El abordaje EMDR (de sus siglas en inglés, Eye Movement Desensitization and Reprocessing) fue desarrollado a finales de los años 80 por la psicóloga norteamericana Francine Shapiro con el objetivo de trabajar los recuerdos traumáticos y los síntomas de estrés asociados a los mismos (Novo et al., 2015).

El protocolo estándar de EMDR consta de ocho fases, que son (Hensley, 2010; Royle y Kerr, 2018; Shapiro, 2001): una primera fase en la que se recoge la historia del paciente. En la segunda fase se prepara al paciente. En la fase tres se evalúa el evento traumático a trabajar estableciendo lo componentes del recuerdo diana de manera estructurada. En la fase cuatro se procede a la desensibilización del recuerdo diana a través de estimulación bilateral.

En la fase cinco, se procede a instalar la creencia positiva y una vez finalizada la instalación, se procede a hacer un escaneo corporal en la fase seis manteniendo el recuerdo diana y la creencia positiva.
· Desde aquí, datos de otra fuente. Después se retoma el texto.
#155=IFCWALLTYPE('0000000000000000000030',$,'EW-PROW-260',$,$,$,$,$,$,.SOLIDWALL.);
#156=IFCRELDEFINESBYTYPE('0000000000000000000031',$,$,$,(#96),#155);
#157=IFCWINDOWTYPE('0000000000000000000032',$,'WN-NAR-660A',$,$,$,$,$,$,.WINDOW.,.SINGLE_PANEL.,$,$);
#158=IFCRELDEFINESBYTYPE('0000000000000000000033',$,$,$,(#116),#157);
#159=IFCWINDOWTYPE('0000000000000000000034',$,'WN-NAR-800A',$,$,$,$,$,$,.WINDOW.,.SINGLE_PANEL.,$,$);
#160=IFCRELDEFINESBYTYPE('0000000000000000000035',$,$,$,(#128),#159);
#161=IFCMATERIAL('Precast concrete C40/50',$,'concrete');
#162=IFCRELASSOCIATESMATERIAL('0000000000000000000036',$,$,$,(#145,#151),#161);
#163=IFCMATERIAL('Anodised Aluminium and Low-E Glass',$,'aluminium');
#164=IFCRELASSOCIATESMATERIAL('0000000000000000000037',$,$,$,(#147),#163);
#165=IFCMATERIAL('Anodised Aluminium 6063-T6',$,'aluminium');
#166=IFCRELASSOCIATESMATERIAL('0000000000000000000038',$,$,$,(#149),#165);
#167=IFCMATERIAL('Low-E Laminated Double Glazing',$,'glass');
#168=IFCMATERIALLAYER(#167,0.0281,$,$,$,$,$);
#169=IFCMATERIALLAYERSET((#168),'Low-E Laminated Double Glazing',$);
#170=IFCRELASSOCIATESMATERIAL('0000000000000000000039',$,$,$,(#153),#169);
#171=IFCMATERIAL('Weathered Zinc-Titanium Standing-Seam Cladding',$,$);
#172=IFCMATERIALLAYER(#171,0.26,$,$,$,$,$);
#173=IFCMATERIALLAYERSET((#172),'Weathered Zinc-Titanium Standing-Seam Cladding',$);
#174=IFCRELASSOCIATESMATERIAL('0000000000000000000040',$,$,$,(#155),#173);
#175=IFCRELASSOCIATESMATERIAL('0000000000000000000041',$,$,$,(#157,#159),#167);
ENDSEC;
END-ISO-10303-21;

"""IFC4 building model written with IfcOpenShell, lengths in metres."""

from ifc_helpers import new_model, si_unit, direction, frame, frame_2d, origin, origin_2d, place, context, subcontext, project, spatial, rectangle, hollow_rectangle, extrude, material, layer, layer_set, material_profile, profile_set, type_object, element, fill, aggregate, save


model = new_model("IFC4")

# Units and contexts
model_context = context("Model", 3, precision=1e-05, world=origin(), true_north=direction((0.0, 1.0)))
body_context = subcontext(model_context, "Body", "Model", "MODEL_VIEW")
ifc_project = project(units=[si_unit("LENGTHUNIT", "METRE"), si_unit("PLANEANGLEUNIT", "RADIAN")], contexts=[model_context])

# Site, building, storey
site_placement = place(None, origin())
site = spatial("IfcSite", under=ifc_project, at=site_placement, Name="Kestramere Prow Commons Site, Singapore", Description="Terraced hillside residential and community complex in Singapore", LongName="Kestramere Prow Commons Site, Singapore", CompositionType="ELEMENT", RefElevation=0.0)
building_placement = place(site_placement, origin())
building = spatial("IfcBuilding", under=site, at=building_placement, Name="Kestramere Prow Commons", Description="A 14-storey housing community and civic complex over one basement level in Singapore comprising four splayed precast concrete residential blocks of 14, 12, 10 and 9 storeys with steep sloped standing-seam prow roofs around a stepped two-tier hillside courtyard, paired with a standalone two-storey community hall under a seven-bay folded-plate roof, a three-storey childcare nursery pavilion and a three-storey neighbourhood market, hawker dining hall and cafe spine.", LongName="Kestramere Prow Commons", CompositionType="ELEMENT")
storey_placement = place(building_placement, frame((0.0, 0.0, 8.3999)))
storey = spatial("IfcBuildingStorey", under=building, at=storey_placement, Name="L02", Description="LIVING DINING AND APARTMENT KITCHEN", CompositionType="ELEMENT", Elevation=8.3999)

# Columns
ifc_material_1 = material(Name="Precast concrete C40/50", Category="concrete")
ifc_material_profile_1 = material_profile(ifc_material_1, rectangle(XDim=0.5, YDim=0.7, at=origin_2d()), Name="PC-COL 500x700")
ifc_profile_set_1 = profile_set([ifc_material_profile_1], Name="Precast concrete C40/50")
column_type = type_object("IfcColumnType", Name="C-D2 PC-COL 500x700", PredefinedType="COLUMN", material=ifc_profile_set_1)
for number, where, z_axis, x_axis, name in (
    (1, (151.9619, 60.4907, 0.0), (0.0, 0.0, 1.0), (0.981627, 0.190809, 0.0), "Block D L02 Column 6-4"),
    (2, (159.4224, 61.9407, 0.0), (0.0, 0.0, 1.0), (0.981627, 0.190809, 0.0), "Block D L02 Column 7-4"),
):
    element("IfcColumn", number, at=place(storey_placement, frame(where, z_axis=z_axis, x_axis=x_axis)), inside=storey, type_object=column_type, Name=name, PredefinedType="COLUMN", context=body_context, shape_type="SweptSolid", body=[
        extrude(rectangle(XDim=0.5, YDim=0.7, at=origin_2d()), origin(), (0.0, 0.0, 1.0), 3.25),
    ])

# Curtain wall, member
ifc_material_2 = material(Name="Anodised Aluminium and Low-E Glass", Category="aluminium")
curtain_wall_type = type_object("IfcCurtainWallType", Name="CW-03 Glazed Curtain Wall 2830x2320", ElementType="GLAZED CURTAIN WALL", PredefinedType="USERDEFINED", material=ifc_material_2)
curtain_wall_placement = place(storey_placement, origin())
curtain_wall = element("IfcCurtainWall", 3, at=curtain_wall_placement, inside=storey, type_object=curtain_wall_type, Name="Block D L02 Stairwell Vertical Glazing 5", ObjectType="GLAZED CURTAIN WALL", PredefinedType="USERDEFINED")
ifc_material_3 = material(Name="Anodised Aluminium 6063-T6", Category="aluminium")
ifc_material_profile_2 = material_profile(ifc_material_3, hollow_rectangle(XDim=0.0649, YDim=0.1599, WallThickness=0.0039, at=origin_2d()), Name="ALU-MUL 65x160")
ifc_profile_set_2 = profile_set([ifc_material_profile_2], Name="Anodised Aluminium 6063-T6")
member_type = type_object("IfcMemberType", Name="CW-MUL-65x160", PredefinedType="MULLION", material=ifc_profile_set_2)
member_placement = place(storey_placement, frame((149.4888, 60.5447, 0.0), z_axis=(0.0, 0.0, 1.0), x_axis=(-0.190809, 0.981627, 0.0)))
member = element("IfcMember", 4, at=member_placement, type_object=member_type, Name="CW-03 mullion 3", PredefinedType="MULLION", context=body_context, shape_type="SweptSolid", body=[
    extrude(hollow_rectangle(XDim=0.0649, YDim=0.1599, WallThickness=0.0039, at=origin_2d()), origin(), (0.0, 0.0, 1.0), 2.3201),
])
Si se concluye dicha fase sin presencia de perturbación se pasaría a la fase siete, el cierre de la sesión, sea sesión completa o incompleta. La fase ocho de reevaluación se lleva cabo al principio de cada sesión después de una sesión de desensibilización y consiste en reevaluar el estado de funcionamiento y si se mantienen los resultados de la sesión anterior.

La particularidad de esta técnica es su combinación de diferentes orientaciones psicológicas tanto a nivel teórico como práctico y la incorporación de estimulación bilateral (mediante escucha dicotómica, “tapping” o con una mayor frecuencia mediante movimientos oculares sacádicos horizontales) para desensibilizar el malestar asociado a los recuerdo traumáticos (Amann et al., 2019; Shapiro, 2001). A pesar de la controversia y los cuestionamientos de esta psicoterapia, numerosos estudios de investigación han concluido que los movimientos oculares añaden un efecto importante al tratamiento (Landin-Romero et al., 2018; Lee y Cuijpers, 2013; Jeffries y Davis, 2012).

De esta manera, una revisión sistemática publicada en 2018 (Landin-Romero et al., 2018), recoge y resume los resultados de 87 ensayos clínicos randomizados y controlados organizados en tres grandes categorías acordes a las diferentes hipótesis explicativas sobre la eficacia de EMDR: las hipótesis sustentadas en modelos psicológicos, las hipótesis sustentadas en modelos psicofisiológicos y las hipótesis sustentadas en modelos neurobiológicos.

Las hipótesis más aceptadas hasta el momento se sustentan en modelos psicológicos, y basan su explicación en el modelo de la memoria de trabajo de Badeley y Hitch (Baddeley y Hitch, 1974). Según este modelo, disponemos de un “sistema ejecutivo central” responsable de la integración y coordinación de la información almacenada en diferentes subsistemas (el bucle fonológico que almacena la información verbal y auditiva, y la agenda visoespacial que se encarga de sostener y manipular información visual o espacial). Siguiendo este modelo, la tarea dual resultante de los movimientos oculares y de mantener la imagen del recuerdo, agota la capacidad de la agenda visoespacial y del ejecutivo central y, en consecuencia, la competición en recursos favorece una degradación del recuerdo volviéndolo menos emocional y vívido, por lo que otorga al paciente una sensación de distancia del evento traumático.

En el caso de las hipótesis sustentadas por modelos psicofisiológicos nos encontramos dos modelos explicativos principalmente. Por un lado, hay autores que postulan que los movimientos oculares y la tarea atencional dual promueven cambios psicofisiológicos en el organismo, favoreciendo una reducción de la excitación mediante la activación del sistema nervioso parasimpático (Barrowcliff et al., 2003; Elofsson et al., 2008; Sack et al., 2008).

Por otro, la segunda propuesta plantea que los movimientos oculares provocan cambios fisiológicos similares a los que se producen durante la fase del sueño REM (del inglés «rapid eye movement») y que la integración de la memoria episódica a la memoria semántica se produce mientras dormimos. Los movimientos oculares bilaterales repetidos activarían mecanismos neurológicos similares a los de la fase REM a través de una respuesta de orientación, integrando así las memorias traumáticas (Born et al., 2006; Stickgold & Wehrwein, 2009).

Por último, respecto a las hipótesis sustentadas en modelos neurobiológicos, estudios de neuroimagen funcional han observado una restauración del control cortical, especialmente de regiones frontales, sobre estructuras subcorticales hiperactivadas del sistema límbico como la amígdala (Bergmann, 2008; Landin-Romero, 2018; Lanius et al., 2001, 2003).